I recently heard from a title company that it is or may become illegal to only offer the option of a SS only. Is this true? I am unsure if this was a nationwide requirement or state wide only. If this is true, then does this requirement stipulate what options need to be considered? My thinking is that you should have the seller sign some sort of document stating something to the effect that all options were considered and what the options were as to avoid future lawsuits.
Has anyone heard of this? What creative methods are being used to handle this?
Thanks in advance as always. Best Regards,
Chris
Oh and guess what? My wife delivered our 3rd child on Saturday - a baby girl. Her name is Tessa and she is perfect. Very excited. Now I need some business to ensure her a great future. Ciao!
Oh and guess what? My wife delivered our 3rd child on Saturday - a baby girl. Her name is Tessa and she is perfect. Very excited. Now I need some business to ensure her a great future. Ciao!

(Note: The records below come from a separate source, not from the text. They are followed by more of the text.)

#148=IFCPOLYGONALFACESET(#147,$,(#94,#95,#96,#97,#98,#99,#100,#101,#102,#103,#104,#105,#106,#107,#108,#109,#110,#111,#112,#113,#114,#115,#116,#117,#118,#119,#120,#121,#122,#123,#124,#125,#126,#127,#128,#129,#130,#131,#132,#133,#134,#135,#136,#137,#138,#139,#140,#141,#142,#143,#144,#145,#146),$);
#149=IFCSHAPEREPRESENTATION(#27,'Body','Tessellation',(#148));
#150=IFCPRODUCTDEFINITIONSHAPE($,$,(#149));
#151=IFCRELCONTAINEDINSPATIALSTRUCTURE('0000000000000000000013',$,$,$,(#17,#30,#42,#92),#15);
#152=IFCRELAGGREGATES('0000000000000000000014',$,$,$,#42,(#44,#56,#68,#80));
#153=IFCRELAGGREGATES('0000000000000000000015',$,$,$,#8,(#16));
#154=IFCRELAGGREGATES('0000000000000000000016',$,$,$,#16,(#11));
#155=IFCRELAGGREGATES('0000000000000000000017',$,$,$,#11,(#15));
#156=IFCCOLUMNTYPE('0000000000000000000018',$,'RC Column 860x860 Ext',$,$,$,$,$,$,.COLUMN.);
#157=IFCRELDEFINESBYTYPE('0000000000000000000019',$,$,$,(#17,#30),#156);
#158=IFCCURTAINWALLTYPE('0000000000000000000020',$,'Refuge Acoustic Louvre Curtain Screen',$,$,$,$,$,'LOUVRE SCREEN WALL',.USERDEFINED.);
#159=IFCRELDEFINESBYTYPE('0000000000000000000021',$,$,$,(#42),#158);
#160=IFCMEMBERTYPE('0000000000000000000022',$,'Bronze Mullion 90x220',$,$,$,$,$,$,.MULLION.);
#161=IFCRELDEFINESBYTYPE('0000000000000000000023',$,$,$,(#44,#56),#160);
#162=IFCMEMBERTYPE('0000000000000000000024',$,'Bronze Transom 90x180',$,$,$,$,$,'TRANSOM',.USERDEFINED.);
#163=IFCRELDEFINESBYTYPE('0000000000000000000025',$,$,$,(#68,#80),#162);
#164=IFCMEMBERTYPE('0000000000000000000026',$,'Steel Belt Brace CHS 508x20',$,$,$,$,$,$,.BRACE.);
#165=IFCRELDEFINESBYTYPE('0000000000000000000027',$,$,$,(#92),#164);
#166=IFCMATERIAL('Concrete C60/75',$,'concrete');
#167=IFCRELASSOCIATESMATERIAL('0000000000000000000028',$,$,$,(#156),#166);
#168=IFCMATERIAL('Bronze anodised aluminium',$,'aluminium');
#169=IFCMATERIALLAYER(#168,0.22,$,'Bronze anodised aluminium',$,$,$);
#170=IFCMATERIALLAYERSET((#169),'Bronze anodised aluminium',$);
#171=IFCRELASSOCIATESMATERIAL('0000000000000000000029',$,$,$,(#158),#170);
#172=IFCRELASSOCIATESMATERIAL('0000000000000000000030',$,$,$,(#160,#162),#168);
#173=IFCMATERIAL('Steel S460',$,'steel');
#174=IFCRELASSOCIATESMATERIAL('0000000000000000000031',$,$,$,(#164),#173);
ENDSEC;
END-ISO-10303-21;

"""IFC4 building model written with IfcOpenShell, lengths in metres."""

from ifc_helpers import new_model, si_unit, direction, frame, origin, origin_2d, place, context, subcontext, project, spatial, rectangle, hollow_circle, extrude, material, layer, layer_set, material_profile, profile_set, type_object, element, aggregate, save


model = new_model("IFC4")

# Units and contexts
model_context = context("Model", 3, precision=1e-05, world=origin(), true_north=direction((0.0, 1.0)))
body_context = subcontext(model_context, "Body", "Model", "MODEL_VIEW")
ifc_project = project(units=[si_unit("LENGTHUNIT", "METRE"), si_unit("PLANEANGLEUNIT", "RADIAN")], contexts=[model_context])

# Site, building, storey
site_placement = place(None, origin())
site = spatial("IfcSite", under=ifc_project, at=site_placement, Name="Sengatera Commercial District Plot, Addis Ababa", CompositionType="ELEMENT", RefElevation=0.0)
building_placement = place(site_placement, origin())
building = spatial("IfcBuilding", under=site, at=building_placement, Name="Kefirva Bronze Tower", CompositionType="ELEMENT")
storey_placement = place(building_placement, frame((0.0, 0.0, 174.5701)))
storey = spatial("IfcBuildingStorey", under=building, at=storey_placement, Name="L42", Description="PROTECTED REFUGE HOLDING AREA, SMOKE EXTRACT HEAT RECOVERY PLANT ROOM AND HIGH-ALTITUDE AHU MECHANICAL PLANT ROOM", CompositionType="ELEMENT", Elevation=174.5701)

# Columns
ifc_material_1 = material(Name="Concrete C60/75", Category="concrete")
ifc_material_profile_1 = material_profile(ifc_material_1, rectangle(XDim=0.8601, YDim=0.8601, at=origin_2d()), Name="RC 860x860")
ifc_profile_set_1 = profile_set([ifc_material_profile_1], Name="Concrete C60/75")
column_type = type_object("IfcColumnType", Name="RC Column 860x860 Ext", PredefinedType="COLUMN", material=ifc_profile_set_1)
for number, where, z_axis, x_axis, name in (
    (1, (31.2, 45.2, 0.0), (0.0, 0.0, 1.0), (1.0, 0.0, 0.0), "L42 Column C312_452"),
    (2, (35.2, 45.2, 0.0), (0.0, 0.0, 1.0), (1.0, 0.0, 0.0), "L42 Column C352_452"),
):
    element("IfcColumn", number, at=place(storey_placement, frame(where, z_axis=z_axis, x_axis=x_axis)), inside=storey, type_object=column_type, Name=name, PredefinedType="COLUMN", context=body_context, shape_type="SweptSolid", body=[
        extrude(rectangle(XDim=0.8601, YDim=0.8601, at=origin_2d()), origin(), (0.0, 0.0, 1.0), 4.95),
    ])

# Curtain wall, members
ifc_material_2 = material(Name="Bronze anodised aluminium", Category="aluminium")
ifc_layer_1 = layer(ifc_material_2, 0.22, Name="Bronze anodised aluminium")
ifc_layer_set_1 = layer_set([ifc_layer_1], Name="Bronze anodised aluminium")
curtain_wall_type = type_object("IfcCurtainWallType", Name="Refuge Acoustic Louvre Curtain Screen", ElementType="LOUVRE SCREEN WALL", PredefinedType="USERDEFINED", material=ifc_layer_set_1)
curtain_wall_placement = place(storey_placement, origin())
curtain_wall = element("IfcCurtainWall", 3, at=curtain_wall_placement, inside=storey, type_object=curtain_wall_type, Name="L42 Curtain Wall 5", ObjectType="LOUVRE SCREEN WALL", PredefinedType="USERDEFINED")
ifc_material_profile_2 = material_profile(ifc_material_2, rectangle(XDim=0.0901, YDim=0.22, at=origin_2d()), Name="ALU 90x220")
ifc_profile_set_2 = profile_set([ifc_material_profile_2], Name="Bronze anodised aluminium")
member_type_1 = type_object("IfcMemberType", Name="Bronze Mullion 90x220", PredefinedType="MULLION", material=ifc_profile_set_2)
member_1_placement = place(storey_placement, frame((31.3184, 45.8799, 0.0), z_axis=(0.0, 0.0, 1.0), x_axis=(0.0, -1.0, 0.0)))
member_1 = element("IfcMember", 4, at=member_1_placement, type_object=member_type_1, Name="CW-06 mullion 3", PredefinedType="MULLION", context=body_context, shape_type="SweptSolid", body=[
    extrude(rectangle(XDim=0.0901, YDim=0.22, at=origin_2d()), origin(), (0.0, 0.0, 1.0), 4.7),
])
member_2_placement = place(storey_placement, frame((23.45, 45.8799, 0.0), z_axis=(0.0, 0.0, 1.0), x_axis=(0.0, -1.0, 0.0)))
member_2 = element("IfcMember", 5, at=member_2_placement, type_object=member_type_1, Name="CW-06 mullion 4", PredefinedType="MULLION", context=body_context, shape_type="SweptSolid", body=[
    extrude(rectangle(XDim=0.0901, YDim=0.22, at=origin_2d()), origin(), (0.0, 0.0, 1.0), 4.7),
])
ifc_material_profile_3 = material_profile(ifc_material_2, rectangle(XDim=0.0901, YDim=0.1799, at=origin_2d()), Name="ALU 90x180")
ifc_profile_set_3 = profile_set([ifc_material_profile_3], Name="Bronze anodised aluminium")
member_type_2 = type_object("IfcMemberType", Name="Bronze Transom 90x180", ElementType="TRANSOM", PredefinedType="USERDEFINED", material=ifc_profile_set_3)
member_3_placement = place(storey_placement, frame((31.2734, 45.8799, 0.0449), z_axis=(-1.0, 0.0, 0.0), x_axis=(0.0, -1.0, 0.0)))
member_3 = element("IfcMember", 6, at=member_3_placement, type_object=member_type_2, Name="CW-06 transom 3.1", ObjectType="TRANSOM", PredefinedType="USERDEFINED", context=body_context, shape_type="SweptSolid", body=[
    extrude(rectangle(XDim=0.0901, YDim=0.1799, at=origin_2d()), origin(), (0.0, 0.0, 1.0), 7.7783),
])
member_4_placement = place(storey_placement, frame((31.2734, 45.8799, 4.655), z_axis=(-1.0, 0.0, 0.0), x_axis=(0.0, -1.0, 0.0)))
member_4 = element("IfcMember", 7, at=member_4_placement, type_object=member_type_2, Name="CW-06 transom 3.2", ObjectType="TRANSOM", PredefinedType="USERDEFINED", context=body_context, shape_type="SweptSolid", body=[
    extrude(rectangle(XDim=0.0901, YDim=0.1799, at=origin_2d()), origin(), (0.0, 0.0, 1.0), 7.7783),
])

Congratulations!! :beer :beer :beer :beer
if thats your business model, that’s your business model. no one can force you to offer a service you dont provide. To be safe I would however let sellers that are in dsitress know that there are other options available, including deed in lieu of foreclosure, subject to’s and loan modification. Let them decide which is best for them on their own. If they decide to work with you on shortsale, at least they are informed on options
I agree with you hassansr and I think that’s exactly what I’ll do. In some cases a short sale is best for a particular situation while at other times a subject to is best. It just depends. Thanks for the response.